The film received mixed reviews from critics, and underperformed at the box office upon release, but has gone on to achieve cult classic status.

==Plot==

In 1988, 11-year-old Dade "Zero Cool" Murphy is banned from owning or operating computers and telephones until his 18th birthday, after his family is fined (Note: ) for his crashing of 1,507 computer systems, causing a seven-point drop in the New York Stock Exchange.
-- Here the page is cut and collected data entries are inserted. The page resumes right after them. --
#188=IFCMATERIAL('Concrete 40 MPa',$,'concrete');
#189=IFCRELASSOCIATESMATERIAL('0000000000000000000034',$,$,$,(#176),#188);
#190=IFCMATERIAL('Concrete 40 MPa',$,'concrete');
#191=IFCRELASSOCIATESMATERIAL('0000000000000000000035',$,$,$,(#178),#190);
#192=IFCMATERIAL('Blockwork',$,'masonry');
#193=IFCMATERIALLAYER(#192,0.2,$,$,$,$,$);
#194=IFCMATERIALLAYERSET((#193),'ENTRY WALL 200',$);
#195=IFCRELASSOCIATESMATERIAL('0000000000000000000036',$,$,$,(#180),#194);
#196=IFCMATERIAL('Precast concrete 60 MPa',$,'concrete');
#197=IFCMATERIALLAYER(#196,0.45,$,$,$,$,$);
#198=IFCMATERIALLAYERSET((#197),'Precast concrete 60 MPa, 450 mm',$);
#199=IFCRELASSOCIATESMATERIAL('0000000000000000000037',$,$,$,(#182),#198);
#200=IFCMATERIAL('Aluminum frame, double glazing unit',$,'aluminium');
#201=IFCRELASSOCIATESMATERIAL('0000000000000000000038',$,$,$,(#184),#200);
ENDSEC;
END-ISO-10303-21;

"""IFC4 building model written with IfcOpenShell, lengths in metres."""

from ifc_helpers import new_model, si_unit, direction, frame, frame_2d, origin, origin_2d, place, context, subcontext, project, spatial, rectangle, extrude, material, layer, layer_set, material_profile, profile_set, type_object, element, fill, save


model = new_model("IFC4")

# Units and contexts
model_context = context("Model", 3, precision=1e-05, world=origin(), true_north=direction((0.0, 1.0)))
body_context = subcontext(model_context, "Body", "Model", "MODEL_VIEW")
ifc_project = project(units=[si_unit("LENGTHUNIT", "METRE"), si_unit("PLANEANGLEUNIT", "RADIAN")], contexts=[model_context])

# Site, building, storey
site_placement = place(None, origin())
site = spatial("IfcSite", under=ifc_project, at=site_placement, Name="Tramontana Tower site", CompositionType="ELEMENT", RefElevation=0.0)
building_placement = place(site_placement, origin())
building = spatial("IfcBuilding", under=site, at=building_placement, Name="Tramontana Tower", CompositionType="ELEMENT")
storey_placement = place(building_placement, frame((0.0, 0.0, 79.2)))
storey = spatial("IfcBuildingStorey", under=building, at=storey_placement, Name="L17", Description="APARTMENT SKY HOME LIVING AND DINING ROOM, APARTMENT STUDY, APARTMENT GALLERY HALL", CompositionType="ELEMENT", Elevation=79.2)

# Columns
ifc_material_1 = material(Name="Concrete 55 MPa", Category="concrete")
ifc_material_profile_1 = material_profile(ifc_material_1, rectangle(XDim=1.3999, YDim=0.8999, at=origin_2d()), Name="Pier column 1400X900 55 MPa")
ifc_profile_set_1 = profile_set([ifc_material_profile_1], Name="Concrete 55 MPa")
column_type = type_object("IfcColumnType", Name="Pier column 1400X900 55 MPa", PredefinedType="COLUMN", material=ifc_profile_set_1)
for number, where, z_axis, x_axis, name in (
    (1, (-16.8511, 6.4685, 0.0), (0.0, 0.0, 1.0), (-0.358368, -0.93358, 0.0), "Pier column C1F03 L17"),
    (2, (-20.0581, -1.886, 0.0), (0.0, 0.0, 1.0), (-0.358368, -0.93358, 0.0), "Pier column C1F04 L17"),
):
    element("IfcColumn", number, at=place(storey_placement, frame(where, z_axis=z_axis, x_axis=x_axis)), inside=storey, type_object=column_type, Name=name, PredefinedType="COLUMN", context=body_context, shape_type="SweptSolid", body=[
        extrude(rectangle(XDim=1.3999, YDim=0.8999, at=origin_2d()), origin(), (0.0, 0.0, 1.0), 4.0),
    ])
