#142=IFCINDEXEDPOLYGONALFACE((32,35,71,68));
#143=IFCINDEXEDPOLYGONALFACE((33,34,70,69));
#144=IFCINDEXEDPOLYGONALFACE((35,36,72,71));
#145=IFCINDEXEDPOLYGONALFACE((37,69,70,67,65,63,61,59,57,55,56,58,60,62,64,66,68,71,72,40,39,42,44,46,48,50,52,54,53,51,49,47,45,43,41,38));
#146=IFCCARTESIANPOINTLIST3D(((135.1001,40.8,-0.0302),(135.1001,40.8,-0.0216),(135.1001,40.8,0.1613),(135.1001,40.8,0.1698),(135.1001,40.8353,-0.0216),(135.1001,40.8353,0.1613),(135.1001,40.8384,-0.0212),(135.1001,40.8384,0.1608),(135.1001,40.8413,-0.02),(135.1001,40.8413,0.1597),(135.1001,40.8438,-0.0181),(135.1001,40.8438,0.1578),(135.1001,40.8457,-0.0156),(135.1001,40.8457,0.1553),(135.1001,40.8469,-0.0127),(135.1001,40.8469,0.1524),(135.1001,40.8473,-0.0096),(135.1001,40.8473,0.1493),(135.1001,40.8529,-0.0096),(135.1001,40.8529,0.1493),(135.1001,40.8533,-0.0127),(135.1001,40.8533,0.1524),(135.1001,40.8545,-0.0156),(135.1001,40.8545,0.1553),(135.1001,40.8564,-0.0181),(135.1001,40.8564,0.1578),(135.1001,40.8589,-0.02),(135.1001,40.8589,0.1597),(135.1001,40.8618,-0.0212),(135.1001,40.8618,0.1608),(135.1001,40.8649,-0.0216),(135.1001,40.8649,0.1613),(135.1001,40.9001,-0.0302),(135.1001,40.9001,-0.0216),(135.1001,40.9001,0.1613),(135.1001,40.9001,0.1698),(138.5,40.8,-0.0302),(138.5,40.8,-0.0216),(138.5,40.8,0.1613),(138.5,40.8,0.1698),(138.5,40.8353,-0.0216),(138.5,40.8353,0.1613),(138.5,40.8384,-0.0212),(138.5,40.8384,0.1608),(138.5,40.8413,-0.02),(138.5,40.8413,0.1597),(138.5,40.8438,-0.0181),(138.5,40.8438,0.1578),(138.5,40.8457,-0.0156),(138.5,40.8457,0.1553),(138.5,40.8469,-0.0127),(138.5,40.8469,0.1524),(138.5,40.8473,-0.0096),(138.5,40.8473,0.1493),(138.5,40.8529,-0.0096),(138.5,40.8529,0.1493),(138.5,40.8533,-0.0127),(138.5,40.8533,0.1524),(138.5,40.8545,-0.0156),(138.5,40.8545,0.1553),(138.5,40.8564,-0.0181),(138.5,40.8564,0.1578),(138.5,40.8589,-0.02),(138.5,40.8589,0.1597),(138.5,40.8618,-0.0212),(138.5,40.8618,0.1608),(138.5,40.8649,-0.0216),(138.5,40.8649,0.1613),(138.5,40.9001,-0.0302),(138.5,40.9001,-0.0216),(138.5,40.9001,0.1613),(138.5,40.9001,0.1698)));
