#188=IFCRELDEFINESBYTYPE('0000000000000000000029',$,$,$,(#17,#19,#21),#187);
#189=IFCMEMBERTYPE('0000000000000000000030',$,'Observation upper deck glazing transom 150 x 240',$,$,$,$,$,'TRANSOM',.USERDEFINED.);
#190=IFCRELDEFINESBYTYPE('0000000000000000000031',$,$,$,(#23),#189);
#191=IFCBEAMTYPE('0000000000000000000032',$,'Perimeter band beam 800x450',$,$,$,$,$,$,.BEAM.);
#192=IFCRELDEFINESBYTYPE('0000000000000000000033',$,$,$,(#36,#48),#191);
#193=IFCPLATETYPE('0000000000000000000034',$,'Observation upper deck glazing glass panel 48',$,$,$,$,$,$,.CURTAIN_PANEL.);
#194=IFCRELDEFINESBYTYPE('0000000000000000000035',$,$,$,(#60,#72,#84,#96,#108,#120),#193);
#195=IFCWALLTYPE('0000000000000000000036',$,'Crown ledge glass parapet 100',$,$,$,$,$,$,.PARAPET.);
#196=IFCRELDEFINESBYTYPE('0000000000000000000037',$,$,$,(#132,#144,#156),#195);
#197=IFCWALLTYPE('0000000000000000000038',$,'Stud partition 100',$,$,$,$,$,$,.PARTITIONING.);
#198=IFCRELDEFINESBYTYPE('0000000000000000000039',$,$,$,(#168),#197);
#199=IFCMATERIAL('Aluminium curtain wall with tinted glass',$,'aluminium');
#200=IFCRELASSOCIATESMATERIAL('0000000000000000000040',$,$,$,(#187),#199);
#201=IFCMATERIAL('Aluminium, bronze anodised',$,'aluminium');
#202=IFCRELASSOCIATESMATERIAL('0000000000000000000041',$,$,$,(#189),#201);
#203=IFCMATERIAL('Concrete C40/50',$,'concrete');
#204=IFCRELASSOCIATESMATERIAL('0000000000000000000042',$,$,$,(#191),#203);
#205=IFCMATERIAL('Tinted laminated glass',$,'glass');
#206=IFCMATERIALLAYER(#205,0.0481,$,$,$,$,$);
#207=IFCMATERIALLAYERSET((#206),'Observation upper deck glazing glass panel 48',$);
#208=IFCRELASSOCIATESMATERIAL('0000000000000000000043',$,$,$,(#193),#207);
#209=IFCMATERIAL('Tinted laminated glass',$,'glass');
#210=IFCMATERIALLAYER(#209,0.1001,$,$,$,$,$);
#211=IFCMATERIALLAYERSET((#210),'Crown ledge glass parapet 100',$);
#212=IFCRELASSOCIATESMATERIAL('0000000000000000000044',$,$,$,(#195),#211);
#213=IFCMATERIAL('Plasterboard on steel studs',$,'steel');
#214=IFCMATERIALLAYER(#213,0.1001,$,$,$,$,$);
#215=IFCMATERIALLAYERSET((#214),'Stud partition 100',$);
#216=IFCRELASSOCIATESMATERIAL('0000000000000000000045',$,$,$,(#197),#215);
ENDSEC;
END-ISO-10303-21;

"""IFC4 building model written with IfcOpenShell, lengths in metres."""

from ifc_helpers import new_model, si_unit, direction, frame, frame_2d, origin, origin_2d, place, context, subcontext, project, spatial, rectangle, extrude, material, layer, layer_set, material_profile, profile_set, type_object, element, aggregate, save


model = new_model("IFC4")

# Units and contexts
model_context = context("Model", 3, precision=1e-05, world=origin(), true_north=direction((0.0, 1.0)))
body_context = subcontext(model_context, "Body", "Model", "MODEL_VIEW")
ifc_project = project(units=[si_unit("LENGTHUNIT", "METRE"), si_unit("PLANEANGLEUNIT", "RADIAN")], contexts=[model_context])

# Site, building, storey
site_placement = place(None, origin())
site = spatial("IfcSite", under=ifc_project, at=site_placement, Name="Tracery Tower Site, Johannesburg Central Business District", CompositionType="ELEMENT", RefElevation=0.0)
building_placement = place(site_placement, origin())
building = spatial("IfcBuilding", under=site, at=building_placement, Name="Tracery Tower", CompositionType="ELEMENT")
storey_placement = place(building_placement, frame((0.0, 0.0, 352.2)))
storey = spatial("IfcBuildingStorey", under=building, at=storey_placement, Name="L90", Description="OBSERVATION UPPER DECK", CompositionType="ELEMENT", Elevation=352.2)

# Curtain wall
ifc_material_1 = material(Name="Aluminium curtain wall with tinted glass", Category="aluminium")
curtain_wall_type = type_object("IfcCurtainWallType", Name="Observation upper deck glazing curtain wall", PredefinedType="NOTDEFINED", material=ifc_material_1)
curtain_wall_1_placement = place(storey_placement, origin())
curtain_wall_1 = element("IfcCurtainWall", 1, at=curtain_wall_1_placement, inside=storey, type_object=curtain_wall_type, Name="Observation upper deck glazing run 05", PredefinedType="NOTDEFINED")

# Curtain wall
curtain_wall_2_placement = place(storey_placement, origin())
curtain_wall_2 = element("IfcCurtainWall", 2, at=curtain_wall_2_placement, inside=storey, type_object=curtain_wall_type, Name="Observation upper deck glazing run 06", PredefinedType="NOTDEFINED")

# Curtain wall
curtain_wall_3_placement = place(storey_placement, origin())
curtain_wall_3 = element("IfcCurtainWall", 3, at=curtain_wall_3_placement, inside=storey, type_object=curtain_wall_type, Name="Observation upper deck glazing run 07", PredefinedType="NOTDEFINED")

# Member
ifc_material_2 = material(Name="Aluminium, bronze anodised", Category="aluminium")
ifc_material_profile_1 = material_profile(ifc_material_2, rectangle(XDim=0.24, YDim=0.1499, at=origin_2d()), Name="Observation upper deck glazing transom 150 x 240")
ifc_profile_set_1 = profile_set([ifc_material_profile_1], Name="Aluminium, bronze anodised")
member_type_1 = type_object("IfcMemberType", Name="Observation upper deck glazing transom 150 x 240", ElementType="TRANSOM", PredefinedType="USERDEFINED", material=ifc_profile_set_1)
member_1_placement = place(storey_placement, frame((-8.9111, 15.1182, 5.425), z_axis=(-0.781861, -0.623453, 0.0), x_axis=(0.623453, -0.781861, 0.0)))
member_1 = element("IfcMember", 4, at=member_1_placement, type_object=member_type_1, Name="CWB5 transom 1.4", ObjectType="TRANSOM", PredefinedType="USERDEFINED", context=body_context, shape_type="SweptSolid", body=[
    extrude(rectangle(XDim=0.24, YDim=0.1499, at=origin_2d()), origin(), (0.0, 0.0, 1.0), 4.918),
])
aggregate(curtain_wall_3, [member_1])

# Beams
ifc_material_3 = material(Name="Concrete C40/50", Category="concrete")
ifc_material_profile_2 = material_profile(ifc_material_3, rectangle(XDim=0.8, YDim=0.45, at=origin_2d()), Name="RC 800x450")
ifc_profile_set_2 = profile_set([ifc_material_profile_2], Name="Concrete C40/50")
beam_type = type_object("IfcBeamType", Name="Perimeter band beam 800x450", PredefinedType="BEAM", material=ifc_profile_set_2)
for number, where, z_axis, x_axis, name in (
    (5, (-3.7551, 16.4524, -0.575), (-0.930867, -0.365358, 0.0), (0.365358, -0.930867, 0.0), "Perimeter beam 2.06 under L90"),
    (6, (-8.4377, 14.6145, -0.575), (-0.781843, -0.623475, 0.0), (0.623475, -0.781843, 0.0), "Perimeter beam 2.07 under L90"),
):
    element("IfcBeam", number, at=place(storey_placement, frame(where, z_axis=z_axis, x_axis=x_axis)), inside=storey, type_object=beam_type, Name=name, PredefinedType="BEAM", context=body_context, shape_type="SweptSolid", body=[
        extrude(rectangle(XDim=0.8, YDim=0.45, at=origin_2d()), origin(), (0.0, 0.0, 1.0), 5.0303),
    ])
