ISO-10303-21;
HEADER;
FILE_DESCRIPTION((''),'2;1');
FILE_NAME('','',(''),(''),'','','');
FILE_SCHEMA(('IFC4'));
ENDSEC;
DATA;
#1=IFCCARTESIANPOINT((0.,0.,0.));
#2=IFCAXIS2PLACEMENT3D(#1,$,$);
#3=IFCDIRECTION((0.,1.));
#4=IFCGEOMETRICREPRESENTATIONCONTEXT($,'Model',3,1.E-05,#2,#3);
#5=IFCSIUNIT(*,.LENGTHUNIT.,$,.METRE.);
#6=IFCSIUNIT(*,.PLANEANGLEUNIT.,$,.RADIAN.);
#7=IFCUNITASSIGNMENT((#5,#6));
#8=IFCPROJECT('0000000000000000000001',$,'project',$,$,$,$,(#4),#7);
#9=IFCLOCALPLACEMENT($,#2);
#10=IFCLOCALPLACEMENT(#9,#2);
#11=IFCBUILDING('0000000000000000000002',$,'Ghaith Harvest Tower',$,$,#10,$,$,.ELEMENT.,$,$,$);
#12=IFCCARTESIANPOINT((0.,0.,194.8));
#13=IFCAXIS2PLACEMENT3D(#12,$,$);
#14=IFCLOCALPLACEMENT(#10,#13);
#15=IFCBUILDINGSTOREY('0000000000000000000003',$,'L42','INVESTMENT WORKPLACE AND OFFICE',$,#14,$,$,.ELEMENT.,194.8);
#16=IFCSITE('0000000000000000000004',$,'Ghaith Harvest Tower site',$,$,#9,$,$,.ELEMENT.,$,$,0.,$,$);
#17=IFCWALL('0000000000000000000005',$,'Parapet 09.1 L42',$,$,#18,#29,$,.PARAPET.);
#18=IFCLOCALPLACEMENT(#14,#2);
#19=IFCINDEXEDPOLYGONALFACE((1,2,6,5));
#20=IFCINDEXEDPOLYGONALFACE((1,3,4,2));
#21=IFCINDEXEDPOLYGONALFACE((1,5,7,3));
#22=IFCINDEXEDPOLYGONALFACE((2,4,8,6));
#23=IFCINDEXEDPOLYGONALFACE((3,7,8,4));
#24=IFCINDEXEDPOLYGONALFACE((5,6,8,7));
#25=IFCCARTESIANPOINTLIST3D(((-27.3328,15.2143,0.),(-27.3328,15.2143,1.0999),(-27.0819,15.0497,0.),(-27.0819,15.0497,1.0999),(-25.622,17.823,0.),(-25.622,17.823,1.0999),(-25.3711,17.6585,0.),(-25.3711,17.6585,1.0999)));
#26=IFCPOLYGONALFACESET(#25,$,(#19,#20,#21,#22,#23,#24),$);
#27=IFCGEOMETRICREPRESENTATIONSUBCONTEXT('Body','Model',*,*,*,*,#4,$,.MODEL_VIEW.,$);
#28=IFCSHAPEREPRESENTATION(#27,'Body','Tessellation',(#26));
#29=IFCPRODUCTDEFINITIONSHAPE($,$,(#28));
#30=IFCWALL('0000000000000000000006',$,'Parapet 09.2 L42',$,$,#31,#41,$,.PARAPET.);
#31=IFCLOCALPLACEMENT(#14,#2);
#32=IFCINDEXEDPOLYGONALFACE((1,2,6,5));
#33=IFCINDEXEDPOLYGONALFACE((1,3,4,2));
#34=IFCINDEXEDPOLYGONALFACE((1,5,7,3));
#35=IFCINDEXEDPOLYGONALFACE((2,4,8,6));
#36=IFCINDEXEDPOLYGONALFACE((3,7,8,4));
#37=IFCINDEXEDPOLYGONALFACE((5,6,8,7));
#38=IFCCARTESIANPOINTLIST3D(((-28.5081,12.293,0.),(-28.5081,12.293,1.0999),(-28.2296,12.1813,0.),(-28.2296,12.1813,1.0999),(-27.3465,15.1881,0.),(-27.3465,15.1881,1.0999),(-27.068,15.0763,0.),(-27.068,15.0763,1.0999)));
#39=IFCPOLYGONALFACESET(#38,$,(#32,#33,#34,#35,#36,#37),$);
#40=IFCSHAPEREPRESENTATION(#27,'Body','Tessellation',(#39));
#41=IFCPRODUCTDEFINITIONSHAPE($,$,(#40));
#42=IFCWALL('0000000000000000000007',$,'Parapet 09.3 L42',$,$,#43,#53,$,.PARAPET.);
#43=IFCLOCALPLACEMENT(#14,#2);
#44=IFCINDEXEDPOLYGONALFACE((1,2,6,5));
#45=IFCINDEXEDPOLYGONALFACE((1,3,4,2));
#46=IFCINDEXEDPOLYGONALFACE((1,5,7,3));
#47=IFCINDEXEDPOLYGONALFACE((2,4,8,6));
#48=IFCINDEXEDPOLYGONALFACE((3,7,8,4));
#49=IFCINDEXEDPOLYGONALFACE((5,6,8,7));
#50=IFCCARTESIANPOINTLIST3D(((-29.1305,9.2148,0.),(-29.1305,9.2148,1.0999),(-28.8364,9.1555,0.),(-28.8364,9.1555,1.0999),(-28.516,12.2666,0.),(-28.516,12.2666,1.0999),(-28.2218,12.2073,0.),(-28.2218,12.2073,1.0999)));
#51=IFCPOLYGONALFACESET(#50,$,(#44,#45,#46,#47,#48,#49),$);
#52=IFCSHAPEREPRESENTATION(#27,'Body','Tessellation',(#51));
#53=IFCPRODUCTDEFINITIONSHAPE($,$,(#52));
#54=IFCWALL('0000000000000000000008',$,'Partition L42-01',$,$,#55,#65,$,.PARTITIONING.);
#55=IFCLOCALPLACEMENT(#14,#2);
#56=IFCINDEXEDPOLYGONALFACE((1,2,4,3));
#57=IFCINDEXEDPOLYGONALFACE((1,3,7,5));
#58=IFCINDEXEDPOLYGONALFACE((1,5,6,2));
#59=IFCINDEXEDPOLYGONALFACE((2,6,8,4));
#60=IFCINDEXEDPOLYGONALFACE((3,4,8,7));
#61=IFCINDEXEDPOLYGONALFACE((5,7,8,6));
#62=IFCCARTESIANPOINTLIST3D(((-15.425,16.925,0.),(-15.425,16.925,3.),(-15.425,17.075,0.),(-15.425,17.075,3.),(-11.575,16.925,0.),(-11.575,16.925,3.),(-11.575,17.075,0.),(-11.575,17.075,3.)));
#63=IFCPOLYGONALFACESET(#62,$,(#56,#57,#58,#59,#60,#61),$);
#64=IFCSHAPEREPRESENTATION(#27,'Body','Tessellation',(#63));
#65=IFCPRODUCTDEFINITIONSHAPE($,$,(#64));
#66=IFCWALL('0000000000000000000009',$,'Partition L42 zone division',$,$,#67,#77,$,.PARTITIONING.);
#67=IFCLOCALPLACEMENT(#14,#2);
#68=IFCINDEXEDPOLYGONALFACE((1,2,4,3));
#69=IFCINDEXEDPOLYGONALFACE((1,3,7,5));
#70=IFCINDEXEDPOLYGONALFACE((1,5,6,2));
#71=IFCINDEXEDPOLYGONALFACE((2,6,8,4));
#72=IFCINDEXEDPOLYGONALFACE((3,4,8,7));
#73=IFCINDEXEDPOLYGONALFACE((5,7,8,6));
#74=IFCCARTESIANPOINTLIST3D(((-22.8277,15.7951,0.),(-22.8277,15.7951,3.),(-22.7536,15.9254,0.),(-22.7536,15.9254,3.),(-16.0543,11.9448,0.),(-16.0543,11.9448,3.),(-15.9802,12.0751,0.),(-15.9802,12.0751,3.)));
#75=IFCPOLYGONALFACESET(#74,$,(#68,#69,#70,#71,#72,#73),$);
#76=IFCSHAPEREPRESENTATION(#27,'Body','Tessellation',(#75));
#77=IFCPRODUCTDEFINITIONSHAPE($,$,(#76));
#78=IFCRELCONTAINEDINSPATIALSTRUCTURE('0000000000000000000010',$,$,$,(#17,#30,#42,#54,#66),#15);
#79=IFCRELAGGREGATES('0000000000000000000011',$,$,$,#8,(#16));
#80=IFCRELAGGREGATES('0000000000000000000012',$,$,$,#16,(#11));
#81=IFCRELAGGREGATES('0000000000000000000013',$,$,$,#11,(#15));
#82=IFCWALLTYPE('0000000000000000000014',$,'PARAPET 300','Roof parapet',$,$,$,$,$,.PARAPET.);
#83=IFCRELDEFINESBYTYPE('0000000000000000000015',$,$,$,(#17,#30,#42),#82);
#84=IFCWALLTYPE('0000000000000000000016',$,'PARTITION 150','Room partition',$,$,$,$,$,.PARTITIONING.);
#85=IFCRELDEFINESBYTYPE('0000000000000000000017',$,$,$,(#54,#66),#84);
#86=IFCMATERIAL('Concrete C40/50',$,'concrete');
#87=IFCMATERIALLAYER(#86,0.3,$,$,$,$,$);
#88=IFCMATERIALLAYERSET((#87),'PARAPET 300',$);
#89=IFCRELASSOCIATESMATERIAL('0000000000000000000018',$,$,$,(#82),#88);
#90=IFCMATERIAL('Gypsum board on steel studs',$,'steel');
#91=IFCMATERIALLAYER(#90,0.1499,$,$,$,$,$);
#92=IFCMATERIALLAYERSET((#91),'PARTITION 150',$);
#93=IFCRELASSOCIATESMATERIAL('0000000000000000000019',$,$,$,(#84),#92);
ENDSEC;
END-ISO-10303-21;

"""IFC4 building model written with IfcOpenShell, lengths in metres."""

from ifc_helpers import new_model, si_unit, direction, frame, frame_2d, origin, place, context, subcontext, project, spatial, rectangle, extrude, material, layer, layer_set, type_object, element, save


model = new_model("IFC4")

# Units and contexts
model_context = context("Model", 3, precision=1e-05, world=origin(), true_north=direction((0.0, 1.0)))
body_context = subcontext(model_context, "Body", "Model", "MODEL_VIEW")
ifc_project = project(units=[si_unit("LENGTHUNIT", "METRE"), si_unit("PLANEANGLEUNIT", "RADIAN")], contexts=[model_context])

# Site, building, storey
site_placement = place(None, origin())
site = spatial("IfcSite", under=ifc_project, at=site_placement, Name="Ghaith Harvest Tower site", CompositionType="ELEMENT", RefElevation=0.0)
building_placement = place(site_placement, origin())
building = spatial("IfcBuilding", under=site, at=building_placement, Name="Ghaith Harvest Tower", CompositionType="ELEMENT")
storey_placement = place(building_placement, frame((0.0, 0.0, 194.8)))
storey = spatial("IfcBuildingStorey", under=building, at=storey_placement, Name="L42", Description="INVESTMENT WORKPLACE AND OFFICE", CompositionType="ELEMENT", Elevation=194.8)

# Walls
ifc_material_1 = material(Name="Concrete C40/50", Category="concrete")
ifc_layer_1 = layer(ifc_material_1, 0.3)
ifc_layer_set_1 = layer_set([ifc_layer_1], Name="PARAPET 300")
wall_type_1 = type_object("IfcWallType", Name="PARAPET 300", Description="Roof parapet", PredefinedType="PARAPET", material=ifc_layer_set_1)
wall_1_placement = place(storey_placement, frame((-25.4966, 17.7407, 0.0), z_axis=(0.0, 0.0, 1.0), x_axis=(-0.548381, -0.836228, 0.0)))
element("IfcWall", 1, at=wall_1_placement, inside=storey, type_object=wall_type_1, Name="Parapet 09.1 L42", PredefinedType="PARAPET", context=body_context, shape_type="SweptSolid", body=[
    extrude(rectangle(XDim=3.1196, YDim=0.3, at=frame_2d((1.5598, 0.0))), origin(), (0.0, 0.0, 1.0), 1.0999),
])
wall_2_placement = place(storey_placement, frame((-27.2073, 15.1321, 0.0), z_axis=(0.0, 0.0, 1.0), x_axis=(-0.372389, -0.928077, 0.0)))
element("IfcWall", 2, at=wall_2_placement, inside=storey, type_object=wall_type_1, Name="Parapet 09.2 L42", PredefinedType="PARAPET", context=body_context, shape_type="SweptSolid", body=[
    extrude(rectangle(XDim=3.1194, YDim=0.3, at=frame_2d((1.5596, 0.0))), origin(), (0.0, 0.0, 1.0), 1.0999),
])
wall_3_placement = place(storey_placement, frame((-28.3689, 12.2371, 0.0), z_axis=(0.0, 0.0, 1.0), x_axis=(-0.197398, -0.980323, 0.0)))
element("IfcWall", 3, at=wall_3_placement, inside=storey, type_object=wall_type_1, Name="Parapet 09.3 L42", PredefinedType="PARAPET", context=body_context, shape_type="SweptSolid", body=[
    extrude(rectangle(XDim=3.113, YDim=0.3, at=frame_2d((1.5566, 0.0))), origin(), (0.0, 0.0, 1.0), 1.0999),
])
ifc_material_2 = material(Name="Gypsum board on steel studs", Category="steel")
ifc_layer_2 = layer(ifc_material_2, 0.1499)
ifc_layer_set_2 = layer_set([ifc_layer_2], Name="PARTITION 150")
wall_type_2 = type_object("IfcWallType", Name="PARTITION 150", Description="Room partition", PredefinedType="PARTITIONING", material=ifc_layer_set_2)
wall_4_placement = place(storey_placement, frame((-15.425, 17.0, 0.0), z_axis=(0.0, 0.0, 1.0), x_axis=(1.0, 0.0, 0.0)))
element("IfcWall", 4, at=wall_4_placement, inside=storey, type_object=wall_type_2, Name="Partition L42-01", PredefinedType="PARTITIONING", context=body_context, shape_type="SweptSolid", body=[
    extrude(rectangle(XDim=3.8501, YDim=0.1499, at=frame_2d((1.925, 0.0))), origin(), (0.0, 0.0, 1.0), 3.0),
])
wall_5_placement = place(storey_placement, frame((-16.0173, 12.01, 0.0), z_axis=(0.0, 0.0, 1.0), x_axis=(-0.869357, 0.494184, 0.0)))
element("IfcWall", 5, at=wall_5_placement, inside=storey, type_object=wall_type_2, Name="Partition L42 zone division", PredefinedType="PARTITIONING", context=body_context, shape_type="SweptSolid", body=[
    extrude(rectangle(XDim=7.7913, YDim=0.1499, at=frame_2d((3.8955, 0.0))), origin(), (0.0, 0.0, 1.0), 3.0),
])

save(model, "model.ifc")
On his 18th birthday, Dade has moved to New York City with his mother, and his ban is lifted. While he hacks into a local TV station, another hacker by the handle of "Acid Burn" counters Dade's attack and eventually kicks him out. At school, Dade joins a group of hackers: Ramon "The Phantom Phreak" Sanchez, Emmanuel "Cereal Killer" Goldstein, Paul "Lord Nikon" Cook, Joey Pardella (a novice hacker without an alias and the youngest member), and Kate "Acid Burn" Libby—the hacker who kicked him out of the TV station earlier.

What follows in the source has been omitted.